A considerable amount of attention was also paid to who Ms. Griner is: a Black woman, a celebrity, a married lesbian and, though it had gone largely unnoticed until now, an assertive liberal — one who, at the height of the Black Lives Matter protests, called to stop playing the national anthem at her team’s basketball games.
The list of attributes following Griner’s name in this paragraph reflects things that none of the other Americans imprisoned abroad can claim. They are merely Americans. Isn’t that good enough?
But Ms. Griner’s case has gone beyond such calculations, into the fraught arenas of race, gender and sexual orientation, and at a time of make-no-concessions partisanship, when large swaths of the American public are steeped in the grievance politics and adversary demonization of Mr. Trump and his acolytes.
It’s certainly true that the right harped on Griner’s personal characteristics, but then the left gave cause to do so. If you’re going to extol her release because she’s a “gay, black woman,” then you can’t complain when someone points out that the reason Griner was the one for whom Bout was traded is not because she is a worthier American, but because she is a “gay, black woman.”
“There’s that underlying sense that this is part of the Democrats’ focusing on someone who is sympathetic to them and leaving a Marine behind,” said David Silbey, a military historian at Cornell University. “It fits nicely in the narrative that a lot of the right is telling America, about who gets the privilege in Biden’s America.”
The release of an American from Russian custody should be a good thing, and yet the nagging sense that the administration’s efforts to obtain Griner’s release was not because she was a worthier American than Paul Whelan or Marc Fogel, but because Griner had the trifecta of woke traits, “gay, black woman.” Conversely, Whelan and Fogel were straight, white men, so they were left behind, lacking the identities that are valued sufficiently to make them worthy of either a trade for Bout or to hold firm with Putin until an arms dealer’s release worth more than a women’s basketball player who had hash oil in her vape pen.
As much as her fame and prominence made her incarceration intolerable to some Americans, Ms. Griner’s gender may be coloring the exchange in the eyes of some critics, Professor Silbey suggested.
Much as the WNBA doesn’t manage to find its way onto most Americans’ radar until it does, Griner was very much a star player and, to the extent any women’s basketball player can be termed a “celebrity,” a celebrity even if only to those who followed such things.
The response to her arrest in Moscow on extremely minor drug charges — and especially to her release — would have been wildly different if they had happened to her male equivalent, he said.
“If LeBron James had been grabbed by Russia at an airport and sent to a prison camp,” Professor Silbey said, “imagine the level of hysteria that would have caused.”
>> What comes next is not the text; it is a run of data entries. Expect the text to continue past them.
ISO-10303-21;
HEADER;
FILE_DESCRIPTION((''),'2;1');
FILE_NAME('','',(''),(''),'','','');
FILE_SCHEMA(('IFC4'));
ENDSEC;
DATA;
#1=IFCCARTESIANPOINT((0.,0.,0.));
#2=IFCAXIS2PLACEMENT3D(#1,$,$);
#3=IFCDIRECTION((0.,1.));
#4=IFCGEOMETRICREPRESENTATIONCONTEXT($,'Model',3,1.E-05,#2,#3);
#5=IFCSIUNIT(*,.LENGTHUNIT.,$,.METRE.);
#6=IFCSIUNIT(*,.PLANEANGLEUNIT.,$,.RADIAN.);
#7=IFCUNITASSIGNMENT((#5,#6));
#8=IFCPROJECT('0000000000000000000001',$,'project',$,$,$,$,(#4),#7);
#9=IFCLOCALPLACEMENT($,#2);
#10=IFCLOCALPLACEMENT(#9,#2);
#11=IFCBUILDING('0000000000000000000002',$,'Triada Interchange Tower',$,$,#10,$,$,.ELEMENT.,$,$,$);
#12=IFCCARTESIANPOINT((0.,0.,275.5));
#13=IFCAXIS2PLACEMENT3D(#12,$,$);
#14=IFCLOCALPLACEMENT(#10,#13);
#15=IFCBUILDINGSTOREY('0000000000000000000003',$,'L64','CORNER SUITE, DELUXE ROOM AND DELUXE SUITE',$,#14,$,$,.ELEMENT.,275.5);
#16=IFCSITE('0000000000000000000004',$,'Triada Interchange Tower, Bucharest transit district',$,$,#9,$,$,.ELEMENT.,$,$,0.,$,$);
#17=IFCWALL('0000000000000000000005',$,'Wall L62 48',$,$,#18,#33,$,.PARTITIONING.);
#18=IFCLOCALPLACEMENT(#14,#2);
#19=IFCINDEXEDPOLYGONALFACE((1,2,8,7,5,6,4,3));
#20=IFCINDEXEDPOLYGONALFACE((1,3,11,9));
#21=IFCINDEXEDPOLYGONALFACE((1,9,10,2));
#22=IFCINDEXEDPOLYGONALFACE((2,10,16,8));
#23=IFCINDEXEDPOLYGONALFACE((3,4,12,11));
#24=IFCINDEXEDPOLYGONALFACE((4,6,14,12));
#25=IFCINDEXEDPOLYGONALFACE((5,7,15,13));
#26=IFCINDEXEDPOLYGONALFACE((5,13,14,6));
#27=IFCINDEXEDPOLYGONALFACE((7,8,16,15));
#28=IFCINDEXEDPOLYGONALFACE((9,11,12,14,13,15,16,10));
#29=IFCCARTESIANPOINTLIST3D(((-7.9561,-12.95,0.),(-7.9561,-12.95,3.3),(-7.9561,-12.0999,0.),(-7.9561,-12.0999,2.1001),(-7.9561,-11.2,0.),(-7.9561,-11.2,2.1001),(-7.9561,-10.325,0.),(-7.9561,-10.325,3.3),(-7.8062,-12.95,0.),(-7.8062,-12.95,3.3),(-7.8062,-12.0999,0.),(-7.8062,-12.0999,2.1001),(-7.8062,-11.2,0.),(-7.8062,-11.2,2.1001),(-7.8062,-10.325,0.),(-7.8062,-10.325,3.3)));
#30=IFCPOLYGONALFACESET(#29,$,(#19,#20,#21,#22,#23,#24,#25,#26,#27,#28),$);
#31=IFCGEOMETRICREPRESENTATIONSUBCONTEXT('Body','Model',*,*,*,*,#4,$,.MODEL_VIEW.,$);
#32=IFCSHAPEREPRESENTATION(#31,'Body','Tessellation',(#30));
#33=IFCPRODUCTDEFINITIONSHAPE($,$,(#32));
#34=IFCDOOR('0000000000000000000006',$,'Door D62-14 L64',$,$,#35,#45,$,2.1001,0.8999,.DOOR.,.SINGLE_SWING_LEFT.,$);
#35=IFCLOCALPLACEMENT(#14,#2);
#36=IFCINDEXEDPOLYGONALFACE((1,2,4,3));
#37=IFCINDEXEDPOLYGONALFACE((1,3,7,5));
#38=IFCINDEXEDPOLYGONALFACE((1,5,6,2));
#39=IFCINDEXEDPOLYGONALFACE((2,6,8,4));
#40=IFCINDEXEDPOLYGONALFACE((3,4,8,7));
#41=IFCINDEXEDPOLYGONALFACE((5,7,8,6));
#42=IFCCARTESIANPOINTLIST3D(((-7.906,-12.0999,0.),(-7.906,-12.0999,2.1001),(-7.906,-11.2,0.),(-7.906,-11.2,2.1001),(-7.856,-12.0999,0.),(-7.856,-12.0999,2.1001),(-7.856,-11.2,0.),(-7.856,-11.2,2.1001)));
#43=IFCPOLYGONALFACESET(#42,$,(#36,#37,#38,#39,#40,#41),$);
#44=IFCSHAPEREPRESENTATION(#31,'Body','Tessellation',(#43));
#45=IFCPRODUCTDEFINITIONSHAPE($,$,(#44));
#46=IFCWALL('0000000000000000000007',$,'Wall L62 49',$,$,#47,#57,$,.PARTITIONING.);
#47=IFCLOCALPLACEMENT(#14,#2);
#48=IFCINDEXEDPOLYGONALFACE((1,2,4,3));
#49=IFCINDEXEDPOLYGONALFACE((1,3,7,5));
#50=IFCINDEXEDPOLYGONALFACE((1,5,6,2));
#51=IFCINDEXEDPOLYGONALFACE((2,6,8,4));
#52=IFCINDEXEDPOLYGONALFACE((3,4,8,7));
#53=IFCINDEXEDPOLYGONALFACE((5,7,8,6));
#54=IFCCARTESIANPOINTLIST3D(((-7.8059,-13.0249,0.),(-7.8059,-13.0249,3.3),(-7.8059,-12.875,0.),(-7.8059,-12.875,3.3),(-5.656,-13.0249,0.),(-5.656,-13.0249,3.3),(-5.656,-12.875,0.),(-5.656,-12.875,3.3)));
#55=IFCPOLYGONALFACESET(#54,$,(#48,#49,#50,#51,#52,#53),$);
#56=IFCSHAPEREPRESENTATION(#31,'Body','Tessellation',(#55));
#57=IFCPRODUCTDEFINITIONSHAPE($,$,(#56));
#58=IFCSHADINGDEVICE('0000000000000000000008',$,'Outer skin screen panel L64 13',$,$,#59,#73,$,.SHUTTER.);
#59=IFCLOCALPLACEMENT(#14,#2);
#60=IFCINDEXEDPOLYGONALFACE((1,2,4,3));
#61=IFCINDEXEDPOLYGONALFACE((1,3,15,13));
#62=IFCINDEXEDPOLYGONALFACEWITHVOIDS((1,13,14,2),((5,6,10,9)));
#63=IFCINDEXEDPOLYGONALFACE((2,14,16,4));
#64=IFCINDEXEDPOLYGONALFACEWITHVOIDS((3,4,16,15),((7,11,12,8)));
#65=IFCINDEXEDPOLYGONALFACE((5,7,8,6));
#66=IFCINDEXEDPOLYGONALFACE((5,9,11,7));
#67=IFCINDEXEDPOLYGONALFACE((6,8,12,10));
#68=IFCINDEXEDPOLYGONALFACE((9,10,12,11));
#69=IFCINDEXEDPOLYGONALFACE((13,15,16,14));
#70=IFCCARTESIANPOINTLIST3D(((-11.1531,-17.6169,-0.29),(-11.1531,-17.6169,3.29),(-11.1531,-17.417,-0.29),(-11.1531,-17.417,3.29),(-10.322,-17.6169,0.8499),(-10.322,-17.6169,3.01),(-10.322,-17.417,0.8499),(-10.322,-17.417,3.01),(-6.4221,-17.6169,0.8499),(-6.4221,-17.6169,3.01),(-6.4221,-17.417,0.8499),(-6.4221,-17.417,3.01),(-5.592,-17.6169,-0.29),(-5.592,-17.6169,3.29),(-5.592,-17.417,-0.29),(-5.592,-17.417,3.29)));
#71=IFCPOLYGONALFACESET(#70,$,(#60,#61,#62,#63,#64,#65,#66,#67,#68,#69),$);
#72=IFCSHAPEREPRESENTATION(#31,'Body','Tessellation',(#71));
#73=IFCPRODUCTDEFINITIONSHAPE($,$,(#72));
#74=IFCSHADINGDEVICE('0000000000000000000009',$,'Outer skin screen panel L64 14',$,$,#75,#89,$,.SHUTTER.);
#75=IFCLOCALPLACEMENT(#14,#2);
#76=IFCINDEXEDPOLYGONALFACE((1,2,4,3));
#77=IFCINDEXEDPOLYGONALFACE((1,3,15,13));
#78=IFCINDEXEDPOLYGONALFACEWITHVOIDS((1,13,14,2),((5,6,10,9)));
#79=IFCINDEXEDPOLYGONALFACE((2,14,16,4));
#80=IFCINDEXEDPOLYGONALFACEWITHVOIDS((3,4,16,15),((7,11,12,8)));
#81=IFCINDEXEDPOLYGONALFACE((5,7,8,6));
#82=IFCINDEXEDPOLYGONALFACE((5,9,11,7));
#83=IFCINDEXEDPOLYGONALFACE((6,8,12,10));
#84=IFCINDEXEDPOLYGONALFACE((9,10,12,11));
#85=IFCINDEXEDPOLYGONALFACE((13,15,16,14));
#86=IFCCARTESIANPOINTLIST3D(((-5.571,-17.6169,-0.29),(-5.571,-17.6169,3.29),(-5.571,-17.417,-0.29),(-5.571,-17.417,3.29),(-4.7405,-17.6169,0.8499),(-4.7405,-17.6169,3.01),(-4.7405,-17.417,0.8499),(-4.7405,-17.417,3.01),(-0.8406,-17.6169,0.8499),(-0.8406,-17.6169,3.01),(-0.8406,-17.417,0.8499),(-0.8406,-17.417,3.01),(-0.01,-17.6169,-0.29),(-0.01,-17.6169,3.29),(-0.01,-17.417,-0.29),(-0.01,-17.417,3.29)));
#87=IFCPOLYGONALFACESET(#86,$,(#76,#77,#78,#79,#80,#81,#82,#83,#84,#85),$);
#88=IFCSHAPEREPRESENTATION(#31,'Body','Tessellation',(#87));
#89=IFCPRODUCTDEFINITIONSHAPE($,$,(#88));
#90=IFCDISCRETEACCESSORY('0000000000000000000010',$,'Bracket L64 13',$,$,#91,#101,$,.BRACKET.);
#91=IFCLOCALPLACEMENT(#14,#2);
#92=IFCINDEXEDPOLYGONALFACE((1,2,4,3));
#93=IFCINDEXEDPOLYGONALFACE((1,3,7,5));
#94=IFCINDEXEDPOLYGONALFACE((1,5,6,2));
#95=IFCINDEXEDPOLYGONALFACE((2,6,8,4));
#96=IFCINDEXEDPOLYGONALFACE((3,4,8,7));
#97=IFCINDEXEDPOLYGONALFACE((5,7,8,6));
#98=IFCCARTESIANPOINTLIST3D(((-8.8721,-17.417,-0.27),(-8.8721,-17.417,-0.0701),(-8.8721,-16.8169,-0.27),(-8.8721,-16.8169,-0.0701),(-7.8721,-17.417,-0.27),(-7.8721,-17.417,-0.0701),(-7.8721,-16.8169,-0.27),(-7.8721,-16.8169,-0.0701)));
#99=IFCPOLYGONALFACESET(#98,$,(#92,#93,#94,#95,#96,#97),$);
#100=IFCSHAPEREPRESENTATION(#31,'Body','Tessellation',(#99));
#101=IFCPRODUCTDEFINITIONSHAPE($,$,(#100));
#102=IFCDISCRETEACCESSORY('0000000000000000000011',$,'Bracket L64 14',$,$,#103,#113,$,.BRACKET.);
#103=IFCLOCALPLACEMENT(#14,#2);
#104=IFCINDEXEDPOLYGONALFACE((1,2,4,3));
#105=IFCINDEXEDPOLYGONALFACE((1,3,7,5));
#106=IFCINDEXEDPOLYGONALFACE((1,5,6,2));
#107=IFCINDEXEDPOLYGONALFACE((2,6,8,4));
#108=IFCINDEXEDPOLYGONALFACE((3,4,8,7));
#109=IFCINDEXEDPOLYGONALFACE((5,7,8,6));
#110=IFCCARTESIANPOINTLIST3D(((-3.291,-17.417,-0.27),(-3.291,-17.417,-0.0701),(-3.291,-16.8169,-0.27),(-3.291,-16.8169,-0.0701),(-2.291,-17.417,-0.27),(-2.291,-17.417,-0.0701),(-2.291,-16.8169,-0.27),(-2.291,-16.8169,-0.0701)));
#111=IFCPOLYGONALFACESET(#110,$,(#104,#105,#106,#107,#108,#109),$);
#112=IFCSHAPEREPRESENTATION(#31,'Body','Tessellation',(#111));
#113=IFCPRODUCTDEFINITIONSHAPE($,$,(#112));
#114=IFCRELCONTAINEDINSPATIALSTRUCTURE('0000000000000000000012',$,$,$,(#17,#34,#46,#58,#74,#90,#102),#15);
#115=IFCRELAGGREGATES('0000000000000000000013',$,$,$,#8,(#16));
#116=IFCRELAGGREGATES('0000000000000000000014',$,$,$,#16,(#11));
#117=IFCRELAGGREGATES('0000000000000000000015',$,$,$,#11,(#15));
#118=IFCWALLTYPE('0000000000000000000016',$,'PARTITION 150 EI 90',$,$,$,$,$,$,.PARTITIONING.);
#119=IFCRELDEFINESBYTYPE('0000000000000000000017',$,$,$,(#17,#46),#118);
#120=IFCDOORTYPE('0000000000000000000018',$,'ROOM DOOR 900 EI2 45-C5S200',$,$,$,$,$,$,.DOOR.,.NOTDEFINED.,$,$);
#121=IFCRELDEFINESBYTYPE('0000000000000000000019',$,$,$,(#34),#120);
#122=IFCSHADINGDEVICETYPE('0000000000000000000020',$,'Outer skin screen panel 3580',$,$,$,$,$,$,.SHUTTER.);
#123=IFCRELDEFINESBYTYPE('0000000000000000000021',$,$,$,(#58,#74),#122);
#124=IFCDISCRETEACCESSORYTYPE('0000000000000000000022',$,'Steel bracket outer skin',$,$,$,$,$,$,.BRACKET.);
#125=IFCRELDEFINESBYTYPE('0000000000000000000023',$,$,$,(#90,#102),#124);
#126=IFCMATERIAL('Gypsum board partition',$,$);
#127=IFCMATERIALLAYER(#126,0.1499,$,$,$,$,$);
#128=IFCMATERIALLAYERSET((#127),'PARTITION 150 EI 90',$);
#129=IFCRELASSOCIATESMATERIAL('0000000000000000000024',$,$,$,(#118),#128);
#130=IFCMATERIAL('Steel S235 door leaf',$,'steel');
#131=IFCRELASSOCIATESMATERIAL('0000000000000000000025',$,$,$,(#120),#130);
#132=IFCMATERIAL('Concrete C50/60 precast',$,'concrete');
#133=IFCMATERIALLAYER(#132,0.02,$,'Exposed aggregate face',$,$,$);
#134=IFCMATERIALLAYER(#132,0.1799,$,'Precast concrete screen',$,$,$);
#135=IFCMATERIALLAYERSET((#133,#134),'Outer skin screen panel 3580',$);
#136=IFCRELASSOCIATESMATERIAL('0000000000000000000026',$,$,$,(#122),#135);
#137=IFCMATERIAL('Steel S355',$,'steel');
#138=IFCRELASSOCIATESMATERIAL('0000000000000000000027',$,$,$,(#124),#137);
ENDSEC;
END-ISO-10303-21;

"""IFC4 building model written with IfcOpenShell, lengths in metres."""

from ifc_helpers import new_model, si_unit, direction, frame, frame_2d, origin, origin_2d, place, context, subcontext, project, spatial, polyline, rectangle, outline, extrude, material, layer, layer_set, type_object, element, fill, save


model = new_model("IFC4")

# Units and contexts
model_context = context("Model", 3, precision=1e-05, world=origin(), true_north=direction((0.0, 1.0)))
body_context = subcontext(model_context, "Body", "Model", "MODEL_VIEW")
ifc_project = project(units=[si_unit("LENGTHUNIT", "METRE"), si_unit("PLANEANGLEUNIT", "RADIAN")], contexts=[model_context])

# Site, building, storey
site_placement = place(None, origin())
site = spatial("IfcSite", under=ifc_project, at=site_placement, Name="Triada Interchange Tower, Bucharest transit district", CompositionType="ELEMENT", RefElevation=0.0)
building_placement = place(site_placement, origin())
building = spatial("IfcBuilding", under=site, at=building_placement, Name="Triada Interchange Tower", CompositionType="ELEMENT")
storey_placement = place(building_placement, frame((0.0, 0.0, 275.5)))
storey = spatial("IfcBuildingStorey", under=building, at=storey_placement, Name="L64", Description="CORNER SUITE, DELUXE ROOM AND DELUXE SUITE", CompositionType="ELEMENT", Elevation=275.5)

# Shared definitions
ifc_material_1 = material(Name="Gypsum board partition")
ifc_layer_1 = layer(ifc_material_1, 0.1499)
ifc_layer_set_1 = layer_set([ifc_layer_1], Name="PARTITION 150 EI 90")
wall_type_1 = type_object("IfcWallType", Name="PARTITION 150 EI 90", PredefinedType="PARTITIONING", material=ifc_layer_set_1)

# Wall, opening, door
wall_1_placement = place(storey_placement, frame((-7.8811, -12.95, 0.0), z_axis=(0.0, 0.0, 1.0), x_axis=(0.0, 1.0, 0.0)))
wall_1 = element("IfcWall", 1, at=wall_1_placement, inside=storey, type_object=wall_type_1, Name="Wall L62 48", PredefinedType="PARTITIONING", context=body_context, shape_type="SweptSolid", body=[
    extrude(rectangle(XDim=2.625, YDim=0.1499, at=frame_2d((1.3125, 0.0))), origin(), (0.0, 0.0, 1.0), 3.3),
])
opening_placement = place(wall_1_placement, frame((0.8501, 0.0, 0.0)))
opening = element("IfcOpeningElement", 2, at=opening_placement, cuts=wall_1, PredefinedType="OPENING", context=body_context, shape_type="SweptSolid", body=[
    extrude(rectangle(XDim=0.8999, YDim=2.1001, at=frame_2d((0.45, 1.05))), frame((0.0, 0.085, 0.0), z_axis=(0.0, -1.0, 0.0), x_axis=(1.0, 0.0, 0.0)), (0.0, 0.0, 1.0), 0.1699),
])
ifc_material_2 = material(Name="Steel S235 door leaf", Category="steel")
This is likely true, though untested and consequently relegated to the vagary of “imagine” since there is no basis to prove King James would have been treated differently. But then, if true, as it likely is, would it be because LeBron was a straight male or black or because he was a celebrity whose name was far more widely recognized than Griner’s? And even if true, as it likely is, does that make his life more valued than Whelan’s and Fogel’s?
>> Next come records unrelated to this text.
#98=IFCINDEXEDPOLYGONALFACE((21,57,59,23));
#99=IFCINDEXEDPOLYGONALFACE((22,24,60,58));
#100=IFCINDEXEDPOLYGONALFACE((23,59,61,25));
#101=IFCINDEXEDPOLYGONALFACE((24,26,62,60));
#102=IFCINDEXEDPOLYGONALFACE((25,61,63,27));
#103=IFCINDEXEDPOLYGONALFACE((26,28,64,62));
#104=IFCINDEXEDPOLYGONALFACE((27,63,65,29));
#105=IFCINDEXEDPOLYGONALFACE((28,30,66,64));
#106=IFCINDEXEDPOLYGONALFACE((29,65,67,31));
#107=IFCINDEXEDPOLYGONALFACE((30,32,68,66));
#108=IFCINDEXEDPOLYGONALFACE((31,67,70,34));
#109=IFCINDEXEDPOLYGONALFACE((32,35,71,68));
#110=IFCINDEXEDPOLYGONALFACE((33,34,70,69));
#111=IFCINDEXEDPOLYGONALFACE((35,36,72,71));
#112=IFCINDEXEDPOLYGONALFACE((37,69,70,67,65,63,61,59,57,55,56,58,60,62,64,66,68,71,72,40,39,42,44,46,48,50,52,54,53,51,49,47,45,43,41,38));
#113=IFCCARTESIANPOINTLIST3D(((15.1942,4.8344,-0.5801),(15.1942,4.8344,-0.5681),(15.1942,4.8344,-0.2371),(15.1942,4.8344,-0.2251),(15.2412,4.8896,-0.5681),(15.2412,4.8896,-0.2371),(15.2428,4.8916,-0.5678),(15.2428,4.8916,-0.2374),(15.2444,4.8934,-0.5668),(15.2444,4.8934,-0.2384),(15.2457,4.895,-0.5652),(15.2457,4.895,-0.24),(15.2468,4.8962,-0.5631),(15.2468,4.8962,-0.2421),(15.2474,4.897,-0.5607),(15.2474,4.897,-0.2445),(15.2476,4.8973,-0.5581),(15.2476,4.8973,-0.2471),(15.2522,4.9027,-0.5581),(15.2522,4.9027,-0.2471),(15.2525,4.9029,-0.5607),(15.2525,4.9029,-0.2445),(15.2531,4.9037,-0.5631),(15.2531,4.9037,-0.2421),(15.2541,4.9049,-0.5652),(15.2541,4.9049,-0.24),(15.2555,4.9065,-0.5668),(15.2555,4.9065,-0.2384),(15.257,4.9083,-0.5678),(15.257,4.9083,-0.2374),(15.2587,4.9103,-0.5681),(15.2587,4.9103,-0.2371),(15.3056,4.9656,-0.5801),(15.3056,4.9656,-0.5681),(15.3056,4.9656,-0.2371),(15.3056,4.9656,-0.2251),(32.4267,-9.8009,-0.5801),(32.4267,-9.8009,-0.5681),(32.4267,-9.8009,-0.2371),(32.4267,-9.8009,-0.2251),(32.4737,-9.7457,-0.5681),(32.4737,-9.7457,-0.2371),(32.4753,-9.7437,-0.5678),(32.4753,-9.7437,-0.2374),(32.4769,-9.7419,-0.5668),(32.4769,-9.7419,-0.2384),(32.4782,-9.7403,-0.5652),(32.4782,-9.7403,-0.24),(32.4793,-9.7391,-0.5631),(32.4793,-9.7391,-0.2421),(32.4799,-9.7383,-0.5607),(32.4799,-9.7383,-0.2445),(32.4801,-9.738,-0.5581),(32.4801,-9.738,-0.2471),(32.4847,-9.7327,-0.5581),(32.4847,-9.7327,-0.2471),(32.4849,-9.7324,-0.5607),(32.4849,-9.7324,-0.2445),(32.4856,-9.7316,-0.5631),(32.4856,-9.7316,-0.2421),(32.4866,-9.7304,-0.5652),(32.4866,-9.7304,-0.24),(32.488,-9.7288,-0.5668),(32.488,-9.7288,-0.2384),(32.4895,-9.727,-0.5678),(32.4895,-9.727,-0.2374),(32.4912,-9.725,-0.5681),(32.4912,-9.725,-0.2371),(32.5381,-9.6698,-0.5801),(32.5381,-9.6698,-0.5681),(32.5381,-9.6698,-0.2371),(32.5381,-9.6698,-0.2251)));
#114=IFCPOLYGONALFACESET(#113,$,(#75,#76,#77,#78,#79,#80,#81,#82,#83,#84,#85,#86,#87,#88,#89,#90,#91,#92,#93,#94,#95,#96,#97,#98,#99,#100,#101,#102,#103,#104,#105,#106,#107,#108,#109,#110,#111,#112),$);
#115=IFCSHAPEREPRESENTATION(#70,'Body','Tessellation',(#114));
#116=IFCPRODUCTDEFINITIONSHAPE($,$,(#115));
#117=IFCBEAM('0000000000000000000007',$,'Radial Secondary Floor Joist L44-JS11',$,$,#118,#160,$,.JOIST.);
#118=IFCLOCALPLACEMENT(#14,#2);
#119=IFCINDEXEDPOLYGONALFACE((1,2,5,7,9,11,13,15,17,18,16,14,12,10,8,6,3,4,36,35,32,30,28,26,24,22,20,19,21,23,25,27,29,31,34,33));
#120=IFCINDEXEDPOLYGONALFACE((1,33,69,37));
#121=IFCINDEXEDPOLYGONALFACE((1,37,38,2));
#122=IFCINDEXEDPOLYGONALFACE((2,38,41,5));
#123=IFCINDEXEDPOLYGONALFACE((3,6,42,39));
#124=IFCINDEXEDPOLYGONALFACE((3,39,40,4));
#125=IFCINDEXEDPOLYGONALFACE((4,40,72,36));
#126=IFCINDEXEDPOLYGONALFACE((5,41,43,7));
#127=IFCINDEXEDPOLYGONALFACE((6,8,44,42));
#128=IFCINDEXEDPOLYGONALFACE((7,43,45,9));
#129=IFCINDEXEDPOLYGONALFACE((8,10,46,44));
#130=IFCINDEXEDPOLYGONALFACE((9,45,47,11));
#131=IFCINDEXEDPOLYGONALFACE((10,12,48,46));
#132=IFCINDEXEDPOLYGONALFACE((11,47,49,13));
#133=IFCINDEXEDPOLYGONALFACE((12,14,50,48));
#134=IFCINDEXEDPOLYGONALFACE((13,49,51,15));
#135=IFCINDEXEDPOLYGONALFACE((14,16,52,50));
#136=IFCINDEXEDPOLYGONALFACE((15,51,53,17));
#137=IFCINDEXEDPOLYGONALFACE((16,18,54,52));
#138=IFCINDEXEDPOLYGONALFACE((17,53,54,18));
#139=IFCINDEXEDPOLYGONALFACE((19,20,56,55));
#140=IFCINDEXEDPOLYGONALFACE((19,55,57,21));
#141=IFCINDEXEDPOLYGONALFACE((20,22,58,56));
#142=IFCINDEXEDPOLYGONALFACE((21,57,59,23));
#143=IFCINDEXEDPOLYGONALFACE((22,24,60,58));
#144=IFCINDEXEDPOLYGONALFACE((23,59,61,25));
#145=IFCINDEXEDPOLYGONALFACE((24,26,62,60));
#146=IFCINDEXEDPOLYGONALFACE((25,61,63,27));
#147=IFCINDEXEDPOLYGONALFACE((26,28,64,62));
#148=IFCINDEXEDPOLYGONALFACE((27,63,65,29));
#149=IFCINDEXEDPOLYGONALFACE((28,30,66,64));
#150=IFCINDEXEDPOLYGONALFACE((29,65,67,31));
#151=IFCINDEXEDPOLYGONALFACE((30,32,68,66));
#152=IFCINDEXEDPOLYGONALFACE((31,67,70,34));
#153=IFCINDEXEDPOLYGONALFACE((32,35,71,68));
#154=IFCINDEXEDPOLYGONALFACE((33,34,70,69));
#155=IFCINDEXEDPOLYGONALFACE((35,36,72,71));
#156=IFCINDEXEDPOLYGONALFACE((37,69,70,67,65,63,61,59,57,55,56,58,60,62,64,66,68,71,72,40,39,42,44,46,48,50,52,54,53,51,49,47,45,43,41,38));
But Griner isn’t LeBron James, and yet she was the one American traded for Victor Bout when others were not. Whether this was a product of her celebrity, her high profile advocates, or her being a “gay, black woman,” the sense that the determination was made because of race, gender and sexual orientation taints what should be a great thing,that an American was repatriated, and this time, the American was Brittney Griner.